From the looks of it there's probably enough in one of those bottles to pitch into a brew without making a starter, but it depends on how old it is too.

You would pour off the old beer/water yes. I make starters and harvest from them so I don't have to faff around rinsing it (and so there's no hops or whatever in it either), and use the same technique of chilling them down and pouring off the beer before pitching into the main batch. I don't wait for it to warm up though; I just pitch it cold straight into the wort. I've only started doing this recently but the lag times have reduced from when I used to let it warm up first.

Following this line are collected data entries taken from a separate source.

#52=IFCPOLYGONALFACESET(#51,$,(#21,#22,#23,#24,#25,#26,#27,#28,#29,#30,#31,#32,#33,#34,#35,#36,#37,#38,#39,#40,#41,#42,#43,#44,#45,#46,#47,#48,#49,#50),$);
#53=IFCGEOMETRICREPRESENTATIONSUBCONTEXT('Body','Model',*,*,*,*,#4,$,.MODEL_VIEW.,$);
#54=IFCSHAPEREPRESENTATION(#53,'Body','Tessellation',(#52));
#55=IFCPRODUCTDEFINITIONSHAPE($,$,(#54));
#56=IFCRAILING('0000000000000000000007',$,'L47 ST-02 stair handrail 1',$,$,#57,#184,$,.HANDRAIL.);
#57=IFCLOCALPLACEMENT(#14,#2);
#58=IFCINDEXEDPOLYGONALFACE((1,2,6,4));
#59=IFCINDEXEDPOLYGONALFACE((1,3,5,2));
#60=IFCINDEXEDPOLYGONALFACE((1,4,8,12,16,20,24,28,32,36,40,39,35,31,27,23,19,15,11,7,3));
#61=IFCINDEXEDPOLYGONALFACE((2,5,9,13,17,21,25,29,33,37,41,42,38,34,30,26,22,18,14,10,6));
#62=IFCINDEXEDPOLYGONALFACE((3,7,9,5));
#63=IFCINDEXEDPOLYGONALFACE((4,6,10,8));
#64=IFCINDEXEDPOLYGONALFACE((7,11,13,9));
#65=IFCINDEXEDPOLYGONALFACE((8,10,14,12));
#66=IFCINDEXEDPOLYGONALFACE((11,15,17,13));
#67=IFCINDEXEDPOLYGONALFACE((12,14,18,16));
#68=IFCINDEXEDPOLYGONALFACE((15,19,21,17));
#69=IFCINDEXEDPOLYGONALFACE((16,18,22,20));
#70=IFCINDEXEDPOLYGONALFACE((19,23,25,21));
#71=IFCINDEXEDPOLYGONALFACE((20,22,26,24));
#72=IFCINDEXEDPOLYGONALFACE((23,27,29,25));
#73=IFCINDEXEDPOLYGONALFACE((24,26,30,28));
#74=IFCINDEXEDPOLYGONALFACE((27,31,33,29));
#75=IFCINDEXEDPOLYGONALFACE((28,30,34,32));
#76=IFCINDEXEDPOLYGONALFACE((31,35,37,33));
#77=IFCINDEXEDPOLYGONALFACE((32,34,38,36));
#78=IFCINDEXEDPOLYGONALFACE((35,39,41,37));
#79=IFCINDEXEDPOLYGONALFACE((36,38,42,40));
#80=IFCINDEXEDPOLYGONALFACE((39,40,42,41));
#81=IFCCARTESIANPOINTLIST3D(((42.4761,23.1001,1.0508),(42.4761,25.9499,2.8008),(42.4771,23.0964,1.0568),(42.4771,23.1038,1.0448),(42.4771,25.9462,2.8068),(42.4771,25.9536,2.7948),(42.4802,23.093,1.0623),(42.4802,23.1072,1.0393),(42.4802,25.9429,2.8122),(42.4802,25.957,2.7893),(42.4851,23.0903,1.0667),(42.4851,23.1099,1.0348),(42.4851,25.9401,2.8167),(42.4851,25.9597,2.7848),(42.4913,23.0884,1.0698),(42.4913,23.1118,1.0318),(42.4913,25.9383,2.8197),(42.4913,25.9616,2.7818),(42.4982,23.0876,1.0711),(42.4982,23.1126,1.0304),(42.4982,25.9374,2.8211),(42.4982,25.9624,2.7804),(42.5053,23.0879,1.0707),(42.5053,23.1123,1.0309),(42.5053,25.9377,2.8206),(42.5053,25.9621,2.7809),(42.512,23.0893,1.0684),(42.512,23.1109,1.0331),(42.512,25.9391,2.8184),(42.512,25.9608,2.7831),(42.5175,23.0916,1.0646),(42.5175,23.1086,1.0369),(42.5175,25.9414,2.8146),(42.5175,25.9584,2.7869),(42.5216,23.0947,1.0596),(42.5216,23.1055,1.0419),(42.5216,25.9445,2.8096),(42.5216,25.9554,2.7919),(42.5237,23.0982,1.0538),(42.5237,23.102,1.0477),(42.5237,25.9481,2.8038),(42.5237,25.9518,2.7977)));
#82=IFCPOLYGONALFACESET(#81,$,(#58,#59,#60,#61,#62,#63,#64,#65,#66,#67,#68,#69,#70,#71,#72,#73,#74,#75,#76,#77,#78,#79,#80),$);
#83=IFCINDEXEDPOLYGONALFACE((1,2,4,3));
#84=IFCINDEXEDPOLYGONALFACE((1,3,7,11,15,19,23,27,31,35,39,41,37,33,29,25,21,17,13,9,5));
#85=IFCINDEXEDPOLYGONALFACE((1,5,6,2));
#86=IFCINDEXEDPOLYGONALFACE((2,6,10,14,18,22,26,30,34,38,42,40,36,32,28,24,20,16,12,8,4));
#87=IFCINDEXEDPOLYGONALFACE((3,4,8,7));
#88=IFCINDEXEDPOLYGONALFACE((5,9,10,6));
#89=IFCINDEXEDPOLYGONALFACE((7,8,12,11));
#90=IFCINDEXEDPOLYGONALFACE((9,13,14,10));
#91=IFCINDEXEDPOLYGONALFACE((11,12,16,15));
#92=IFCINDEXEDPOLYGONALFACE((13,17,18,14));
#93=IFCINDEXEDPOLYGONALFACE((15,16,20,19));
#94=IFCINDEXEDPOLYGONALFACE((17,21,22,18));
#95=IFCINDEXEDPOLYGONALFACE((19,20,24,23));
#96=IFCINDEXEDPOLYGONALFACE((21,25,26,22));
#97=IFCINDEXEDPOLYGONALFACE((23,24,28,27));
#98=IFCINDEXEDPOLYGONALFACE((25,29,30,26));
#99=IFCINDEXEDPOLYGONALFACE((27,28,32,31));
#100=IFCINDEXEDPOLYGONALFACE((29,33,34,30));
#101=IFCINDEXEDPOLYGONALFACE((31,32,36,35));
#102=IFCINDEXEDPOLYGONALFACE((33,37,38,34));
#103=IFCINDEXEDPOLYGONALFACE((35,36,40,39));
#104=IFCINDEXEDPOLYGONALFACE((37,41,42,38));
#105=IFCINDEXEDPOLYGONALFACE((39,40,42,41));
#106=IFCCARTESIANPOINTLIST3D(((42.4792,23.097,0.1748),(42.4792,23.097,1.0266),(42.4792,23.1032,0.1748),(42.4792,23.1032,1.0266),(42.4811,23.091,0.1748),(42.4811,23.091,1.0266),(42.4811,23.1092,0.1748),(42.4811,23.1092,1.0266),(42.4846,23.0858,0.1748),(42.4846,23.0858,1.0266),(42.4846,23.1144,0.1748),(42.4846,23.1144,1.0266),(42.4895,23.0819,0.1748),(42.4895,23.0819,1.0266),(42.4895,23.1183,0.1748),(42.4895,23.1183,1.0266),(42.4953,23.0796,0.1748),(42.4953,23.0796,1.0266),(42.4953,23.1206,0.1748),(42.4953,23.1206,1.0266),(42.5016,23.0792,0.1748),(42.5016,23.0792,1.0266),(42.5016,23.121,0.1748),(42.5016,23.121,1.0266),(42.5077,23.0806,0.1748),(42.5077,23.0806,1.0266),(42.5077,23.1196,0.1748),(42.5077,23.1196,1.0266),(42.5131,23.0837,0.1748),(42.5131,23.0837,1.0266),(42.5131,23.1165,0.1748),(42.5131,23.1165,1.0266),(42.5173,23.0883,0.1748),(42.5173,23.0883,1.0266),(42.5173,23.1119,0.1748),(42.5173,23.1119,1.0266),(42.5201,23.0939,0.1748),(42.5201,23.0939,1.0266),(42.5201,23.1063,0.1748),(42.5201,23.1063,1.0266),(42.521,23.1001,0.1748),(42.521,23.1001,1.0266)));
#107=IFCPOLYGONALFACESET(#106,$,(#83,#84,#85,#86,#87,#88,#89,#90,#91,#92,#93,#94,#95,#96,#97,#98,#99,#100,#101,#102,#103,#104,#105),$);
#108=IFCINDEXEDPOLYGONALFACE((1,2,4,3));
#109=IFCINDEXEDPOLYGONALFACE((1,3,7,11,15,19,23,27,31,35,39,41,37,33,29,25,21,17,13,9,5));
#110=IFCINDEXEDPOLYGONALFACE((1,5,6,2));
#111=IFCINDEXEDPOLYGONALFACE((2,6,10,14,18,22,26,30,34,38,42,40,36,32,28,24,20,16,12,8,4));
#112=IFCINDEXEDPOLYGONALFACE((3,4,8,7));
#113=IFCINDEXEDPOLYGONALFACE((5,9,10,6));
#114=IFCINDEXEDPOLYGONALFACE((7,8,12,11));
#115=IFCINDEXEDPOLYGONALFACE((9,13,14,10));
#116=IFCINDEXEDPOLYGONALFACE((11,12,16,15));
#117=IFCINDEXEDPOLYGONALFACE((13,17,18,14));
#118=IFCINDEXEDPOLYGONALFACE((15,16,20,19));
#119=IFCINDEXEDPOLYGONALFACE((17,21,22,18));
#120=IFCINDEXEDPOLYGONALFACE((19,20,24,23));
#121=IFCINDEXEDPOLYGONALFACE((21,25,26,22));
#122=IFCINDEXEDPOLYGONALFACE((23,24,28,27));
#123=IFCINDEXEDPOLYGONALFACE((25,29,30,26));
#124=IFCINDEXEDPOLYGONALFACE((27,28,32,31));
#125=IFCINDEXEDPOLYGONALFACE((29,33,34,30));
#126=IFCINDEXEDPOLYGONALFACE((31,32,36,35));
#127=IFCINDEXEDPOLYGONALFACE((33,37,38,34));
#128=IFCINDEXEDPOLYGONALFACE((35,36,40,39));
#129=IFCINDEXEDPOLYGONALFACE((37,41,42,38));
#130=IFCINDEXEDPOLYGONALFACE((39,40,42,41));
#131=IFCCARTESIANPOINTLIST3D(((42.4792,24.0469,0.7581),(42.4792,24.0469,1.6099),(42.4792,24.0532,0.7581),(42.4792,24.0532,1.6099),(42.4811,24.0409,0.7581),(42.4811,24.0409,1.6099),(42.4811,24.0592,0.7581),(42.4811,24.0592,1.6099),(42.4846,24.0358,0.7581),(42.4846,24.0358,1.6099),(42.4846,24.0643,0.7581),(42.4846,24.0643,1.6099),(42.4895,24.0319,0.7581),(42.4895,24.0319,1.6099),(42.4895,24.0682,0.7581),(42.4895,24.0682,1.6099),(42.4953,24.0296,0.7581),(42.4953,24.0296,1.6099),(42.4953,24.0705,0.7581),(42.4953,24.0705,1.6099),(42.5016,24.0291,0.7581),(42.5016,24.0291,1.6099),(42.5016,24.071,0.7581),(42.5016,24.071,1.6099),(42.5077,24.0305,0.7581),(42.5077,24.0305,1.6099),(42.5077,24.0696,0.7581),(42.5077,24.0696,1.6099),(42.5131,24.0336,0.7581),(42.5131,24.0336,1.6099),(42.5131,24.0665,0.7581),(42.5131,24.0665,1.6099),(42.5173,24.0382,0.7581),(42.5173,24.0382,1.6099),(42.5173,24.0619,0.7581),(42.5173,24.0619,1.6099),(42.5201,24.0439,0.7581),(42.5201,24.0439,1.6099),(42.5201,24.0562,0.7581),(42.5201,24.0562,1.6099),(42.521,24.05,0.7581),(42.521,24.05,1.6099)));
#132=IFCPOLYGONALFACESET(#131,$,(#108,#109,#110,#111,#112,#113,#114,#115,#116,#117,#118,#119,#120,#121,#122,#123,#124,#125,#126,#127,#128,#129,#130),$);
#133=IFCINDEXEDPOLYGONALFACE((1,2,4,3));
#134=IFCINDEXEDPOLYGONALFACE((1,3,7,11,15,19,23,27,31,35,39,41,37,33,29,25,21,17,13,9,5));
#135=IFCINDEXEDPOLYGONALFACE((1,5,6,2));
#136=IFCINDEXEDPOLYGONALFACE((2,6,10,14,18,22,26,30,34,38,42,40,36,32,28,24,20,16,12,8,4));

You can smell and taste it to see if it's ok.


----------



## kevinj (11/4/16)

That's a good idea, save a small sample of each starter to kick of the next starter.
Would you store it in a sealed bottle of the old beer/water, so it can eat any stray oxygen/sugar, maybe with a carb drop to help it along?
Or sterile water?


----------



## Rocker1986 (11/4/16)

I just re-mix up the starter and tip some of it into a mason jar and stick it in the fridge. I deliberately build my starters bigger than necessary to account for this 'stolen' portion too. They get used pretty regularly so I'm not too concerned about replacing the beer with sterile water.


----------



## butisitart (11/4/16)

i wash then reduce down. then wash again and reduce.the yeast in the photo above would end up in 2 urine sample jars or similar with sterile water on top. a lot more compact for storage. one of them would be good for about 2-3 starters while the 2nd sits longer term and makes 1-2 starters. i don't feed them with carb drops - i'm trying to sedate them out for a while.


----------